Ozwizard · 16/01/2016 10:57

I went to the hospital to see my results from my consultant. Result of this is that I will have to have surgery that has a six to eight week recovery time. As he was explaining my condition he said that it is very common in " Negroid ladies"!!
The nurse in the room looked at me and shifted uncomfortably in her seat! And I took a second to register if he really did say that. Then I did a nervous laugh and said to him " you must not use that word" he said "what, that is what you are" " what is wrong with Negroid"? I said " stop, use another word". He said " oh I didn't know that Negroid would offend you"
Aibu that he should not have said that word?

OP posts:
kesstrel · 19/01/2016 10:07

But Lweji's point wasn't about speaking TO patients: she said that African doctors writing in medical journals were "ignorant" for using the term.

She also said the term "of African descent" was wrong. How are leaflets and other promotional materials about something like sickle cell anemia (which is a devastating genetic disease) supposed to be phrased?

I agree with you, however, that Lweji is wasting her time, given her obvious ignorance of the important role of genetic knowledge in medicine.

Lweji · 19/01/2016 10:09

Yes there is greater diversity between individuals than any group.
Although true, I didn't mention that, nor is it relevant for this discussion.

There are however obvious and distinct differences between peoples of differing geographies.

That is true.

But for different geographies within Africa as well. There isn't one African type.

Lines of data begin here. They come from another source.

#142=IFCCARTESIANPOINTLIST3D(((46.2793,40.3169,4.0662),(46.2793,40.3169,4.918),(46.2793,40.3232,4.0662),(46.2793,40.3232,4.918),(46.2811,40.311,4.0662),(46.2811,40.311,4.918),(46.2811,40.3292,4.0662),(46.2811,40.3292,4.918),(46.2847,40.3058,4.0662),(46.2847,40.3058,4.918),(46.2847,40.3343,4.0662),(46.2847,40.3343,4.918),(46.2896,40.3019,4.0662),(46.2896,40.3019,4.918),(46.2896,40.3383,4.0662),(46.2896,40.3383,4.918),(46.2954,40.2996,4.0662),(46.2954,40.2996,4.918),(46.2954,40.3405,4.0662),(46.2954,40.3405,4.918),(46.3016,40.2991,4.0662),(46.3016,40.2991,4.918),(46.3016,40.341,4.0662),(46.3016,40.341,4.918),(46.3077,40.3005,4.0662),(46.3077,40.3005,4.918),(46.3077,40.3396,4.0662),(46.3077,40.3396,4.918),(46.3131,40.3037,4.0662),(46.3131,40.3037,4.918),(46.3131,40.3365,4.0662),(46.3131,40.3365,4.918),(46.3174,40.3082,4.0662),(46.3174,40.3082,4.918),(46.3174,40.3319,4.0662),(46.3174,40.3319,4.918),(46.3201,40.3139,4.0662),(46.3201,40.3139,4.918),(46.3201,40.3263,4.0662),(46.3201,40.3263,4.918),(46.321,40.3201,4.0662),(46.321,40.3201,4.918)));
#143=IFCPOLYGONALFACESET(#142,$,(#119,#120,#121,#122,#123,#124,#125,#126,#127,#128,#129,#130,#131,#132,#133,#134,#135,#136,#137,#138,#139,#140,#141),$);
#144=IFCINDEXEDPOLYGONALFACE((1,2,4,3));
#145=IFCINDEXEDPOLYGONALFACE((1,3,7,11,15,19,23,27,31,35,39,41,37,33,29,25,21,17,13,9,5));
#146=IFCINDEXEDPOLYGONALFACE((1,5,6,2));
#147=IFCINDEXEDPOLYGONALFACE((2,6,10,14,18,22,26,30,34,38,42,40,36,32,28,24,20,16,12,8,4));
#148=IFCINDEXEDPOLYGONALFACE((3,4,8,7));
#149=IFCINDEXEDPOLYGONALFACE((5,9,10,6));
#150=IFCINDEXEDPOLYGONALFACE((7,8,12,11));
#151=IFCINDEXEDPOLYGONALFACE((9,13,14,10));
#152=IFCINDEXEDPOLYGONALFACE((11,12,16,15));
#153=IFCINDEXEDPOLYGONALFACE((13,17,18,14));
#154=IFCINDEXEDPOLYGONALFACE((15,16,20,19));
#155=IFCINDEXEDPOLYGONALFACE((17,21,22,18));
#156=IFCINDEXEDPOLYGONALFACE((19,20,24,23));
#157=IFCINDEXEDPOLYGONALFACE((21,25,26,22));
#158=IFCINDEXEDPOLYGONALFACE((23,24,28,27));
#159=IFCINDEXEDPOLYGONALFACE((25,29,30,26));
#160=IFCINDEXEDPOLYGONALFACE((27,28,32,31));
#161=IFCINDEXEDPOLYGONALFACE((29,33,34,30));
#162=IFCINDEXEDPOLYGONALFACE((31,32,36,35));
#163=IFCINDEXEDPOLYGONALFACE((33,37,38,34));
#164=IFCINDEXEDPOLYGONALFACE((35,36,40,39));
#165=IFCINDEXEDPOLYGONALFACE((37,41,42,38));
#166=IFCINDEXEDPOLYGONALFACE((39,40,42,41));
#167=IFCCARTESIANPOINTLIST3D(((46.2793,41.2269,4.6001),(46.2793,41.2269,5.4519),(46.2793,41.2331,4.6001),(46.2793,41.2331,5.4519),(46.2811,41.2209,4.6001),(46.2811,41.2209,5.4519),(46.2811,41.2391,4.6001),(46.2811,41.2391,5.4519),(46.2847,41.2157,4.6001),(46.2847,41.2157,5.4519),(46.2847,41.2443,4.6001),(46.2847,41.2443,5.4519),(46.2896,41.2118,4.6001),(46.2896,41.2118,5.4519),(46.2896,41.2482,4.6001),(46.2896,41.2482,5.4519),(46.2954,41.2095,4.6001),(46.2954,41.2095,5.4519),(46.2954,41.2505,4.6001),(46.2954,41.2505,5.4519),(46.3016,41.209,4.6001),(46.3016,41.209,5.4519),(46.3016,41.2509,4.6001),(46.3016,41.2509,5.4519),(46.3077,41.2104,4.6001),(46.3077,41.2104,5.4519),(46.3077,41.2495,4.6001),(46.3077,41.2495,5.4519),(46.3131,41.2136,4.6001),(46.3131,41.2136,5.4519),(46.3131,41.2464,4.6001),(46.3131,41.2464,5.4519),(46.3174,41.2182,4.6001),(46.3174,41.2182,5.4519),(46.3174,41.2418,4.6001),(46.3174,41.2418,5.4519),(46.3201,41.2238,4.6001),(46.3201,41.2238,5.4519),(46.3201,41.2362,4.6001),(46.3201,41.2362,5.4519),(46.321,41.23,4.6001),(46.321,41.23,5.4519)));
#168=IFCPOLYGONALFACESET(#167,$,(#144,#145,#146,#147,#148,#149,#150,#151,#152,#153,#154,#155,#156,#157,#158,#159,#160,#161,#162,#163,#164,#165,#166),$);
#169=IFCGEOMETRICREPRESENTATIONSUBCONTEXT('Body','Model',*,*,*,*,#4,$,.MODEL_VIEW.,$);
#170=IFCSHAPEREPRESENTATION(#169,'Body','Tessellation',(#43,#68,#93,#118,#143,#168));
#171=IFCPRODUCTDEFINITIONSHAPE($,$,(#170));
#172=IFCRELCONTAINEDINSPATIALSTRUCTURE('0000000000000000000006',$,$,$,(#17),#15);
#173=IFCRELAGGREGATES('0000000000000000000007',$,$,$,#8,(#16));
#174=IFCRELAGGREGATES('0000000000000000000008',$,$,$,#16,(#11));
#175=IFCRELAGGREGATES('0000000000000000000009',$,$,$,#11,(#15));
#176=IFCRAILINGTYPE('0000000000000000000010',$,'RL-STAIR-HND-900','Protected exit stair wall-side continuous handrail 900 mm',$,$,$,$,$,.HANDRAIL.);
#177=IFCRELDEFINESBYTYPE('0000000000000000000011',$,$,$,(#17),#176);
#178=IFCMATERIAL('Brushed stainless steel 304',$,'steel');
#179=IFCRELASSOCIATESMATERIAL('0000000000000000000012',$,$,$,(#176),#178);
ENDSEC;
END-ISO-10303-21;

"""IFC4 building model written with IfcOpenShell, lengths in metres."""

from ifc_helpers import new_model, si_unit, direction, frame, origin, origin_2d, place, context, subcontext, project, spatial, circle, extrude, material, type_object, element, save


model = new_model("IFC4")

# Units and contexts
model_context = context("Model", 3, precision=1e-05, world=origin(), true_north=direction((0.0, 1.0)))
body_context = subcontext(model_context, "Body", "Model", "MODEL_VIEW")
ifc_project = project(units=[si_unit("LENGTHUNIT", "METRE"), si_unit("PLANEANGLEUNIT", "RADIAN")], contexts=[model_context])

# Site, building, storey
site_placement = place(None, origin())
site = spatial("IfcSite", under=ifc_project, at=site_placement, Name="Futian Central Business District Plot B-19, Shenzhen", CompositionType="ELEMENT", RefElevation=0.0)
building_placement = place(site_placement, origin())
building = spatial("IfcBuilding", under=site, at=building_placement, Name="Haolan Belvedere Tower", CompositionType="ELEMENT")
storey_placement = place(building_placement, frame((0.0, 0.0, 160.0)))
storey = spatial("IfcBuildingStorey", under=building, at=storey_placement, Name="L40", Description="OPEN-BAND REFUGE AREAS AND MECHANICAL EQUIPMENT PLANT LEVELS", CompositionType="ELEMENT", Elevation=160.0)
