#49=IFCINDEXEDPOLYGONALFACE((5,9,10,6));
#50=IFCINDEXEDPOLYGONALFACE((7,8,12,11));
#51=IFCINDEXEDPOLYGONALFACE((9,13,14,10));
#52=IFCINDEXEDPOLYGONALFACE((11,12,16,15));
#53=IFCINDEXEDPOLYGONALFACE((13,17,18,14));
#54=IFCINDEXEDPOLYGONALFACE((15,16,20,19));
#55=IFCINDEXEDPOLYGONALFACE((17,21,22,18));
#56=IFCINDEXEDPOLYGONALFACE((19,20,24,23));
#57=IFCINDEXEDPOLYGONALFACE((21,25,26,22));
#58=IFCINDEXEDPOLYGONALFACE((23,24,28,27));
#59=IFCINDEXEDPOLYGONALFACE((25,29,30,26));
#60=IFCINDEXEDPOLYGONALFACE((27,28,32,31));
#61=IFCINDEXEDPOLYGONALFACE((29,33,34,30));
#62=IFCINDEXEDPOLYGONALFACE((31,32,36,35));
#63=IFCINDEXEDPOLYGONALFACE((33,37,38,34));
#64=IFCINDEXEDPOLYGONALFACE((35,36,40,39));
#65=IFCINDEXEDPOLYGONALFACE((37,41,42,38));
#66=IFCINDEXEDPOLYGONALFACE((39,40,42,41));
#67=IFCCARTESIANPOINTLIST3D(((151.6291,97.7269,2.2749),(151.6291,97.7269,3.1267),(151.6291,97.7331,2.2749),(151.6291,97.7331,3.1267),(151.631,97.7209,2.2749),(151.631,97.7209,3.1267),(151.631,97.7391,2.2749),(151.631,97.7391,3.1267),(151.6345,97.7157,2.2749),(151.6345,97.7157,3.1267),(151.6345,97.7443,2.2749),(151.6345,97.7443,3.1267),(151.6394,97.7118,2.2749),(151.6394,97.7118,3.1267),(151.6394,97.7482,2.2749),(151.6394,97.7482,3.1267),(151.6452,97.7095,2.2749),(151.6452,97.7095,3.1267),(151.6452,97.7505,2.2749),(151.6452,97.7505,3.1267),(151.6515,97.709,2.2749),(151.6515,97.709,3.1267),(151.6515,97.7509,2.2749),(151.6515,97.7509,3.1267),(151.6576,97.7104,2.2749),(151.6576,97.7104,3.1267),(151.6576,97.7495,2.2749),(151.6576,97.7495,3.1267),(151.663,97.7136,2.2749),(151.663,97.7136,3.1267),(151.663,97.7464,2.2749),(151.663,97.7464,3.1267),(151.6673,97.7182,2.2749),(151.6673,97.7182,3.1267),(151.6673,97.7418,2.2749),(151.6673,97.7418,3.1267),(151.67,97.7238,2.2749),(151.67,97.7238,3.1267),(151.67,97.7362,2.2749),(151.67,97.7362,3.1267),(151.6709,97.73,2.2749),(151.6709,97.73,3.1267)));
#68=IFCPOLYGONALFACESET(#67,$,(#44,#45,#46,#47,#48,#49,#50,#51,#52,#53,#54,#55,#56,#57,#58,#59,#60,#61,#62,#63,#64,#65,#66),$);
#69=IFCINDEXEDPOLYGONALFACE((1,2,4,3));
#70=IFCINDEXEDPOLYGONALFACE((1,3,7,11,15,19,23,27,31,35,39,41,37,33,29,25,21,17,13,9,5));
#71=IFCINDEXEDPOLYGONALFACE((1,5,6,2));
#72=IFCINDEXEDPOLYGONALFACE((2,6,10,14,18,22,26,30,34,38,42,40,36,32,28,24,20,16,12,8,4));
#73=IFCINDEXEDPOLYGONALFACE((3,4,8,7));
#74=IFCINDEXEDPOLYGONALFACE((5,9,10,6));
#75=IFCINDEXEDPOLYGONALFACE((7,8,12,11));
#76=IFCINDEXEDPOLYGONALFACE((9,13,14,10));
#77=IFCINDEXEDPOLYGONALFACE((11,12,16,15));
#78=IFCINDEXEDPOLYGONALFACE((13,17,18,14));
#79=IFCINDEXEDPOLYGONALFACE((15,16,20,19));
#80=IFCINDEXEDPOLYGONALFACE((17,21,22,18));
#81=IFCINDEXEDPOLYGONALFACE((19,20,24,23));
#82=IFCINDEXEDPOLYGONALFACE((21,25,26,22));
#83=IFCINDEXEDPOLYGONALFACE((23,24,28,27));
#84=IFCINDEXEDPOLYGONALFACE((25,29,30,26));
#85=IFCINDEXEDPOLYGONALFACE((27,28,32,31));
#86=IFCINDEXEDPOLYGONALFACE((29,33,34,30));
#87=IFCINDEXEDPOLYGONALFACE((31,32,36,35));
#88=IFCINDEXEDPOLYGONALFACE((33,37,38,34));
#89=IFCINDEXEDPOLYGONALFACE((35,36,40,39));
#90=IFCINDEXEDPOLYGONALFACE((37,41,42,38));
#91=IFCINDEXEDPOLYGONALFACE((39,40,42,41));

Most studies, perhaps not surprisingly, focus on African-American, which should not be extended to "African" or "Black" at all. African-Americans did not come from all African regions. So, it shouldn't be extrapolated to all Africans, or to any "negroid" group.
I'd prefer to be cautious.

Sadly, most research is still very much white-centric. Us and them.

The map shows the main origins of African-Americans. Mostly from West-Africa. We can't extrapolate that the rest of Africa, or people of African roots in other countries have the same prevalence of any condition.

We can't also assume that just because someone looks more black or white that their DNA is mostly of black or white heritage, respectively. Which renders the whole classification into races meaningless.
Particularly at individual level.
Which is another reason for the doctor not to mention race associations to an individual patient. What was it supposed to achieve at this stage?
If he offered earlier diagnosis, then perhaps it would have been relevant.

That consultant said this word...
Lweji · 19/01/2016 10:17

She also said the term "of African descent" was wrong. How are leaflets and other promotional materials about something like sickle cell anemia (which is a devastating genetic disease) supposed to be phrased?

Black Africans do tend for example to have higher incidence of sickle cell anaemia because the gene has spread in regions of high malaria incidence. Where I live there are pockets of higher incidence of genetic blood disorders that also protect against malaria, including sickle cell anaemia.

Those leaflets are relevant because they aimed at a generic group (and malaria is widespread in many African regions, and therefore among different Black African groups (but not only). And they aim at early detection and management.

In this case, for one patient who already needs treatment, the comment about race was irrelevant. What was she supposed to do with it?

What if she actually belongs to a sub-group that has a lower incidence? What if, despite her physical appearance, her genome is actually more "white" than "black"?

I agree with you, however, that Lweji is wasting her time, given her obvious ignorance of the important role of genetic knowledge in medicine.
I'd say the opposite, actually. :)
More that most people are ignoring the role of genetic knowledge in medicine, because they forget to take into account the actual genetic background of the patients.

Lweji · 19/01/2016 10:25

YABVU. I am white therefore I'm Caucasian. You are black therefore you are negroid. The consultant used the anthropological/scientific term for your race as the condition is commonly seen in black/African/Carib -negroid women. The term negroid covers all those ethnicities. What would you have him referred your race as? Am I to be offended if I'm referred to as Caucasian.

What is a "race"?
How do you define it?

While Caucasian really can refer to a fairly genetically close group, the term "negroid" doesn't. It includes very distant genetic groups. More distant between each other than any non-African group.
It is really "white" centred, as in we don't care what you actually look like (apart from dark skin and frizzy hair) or your genetic background is.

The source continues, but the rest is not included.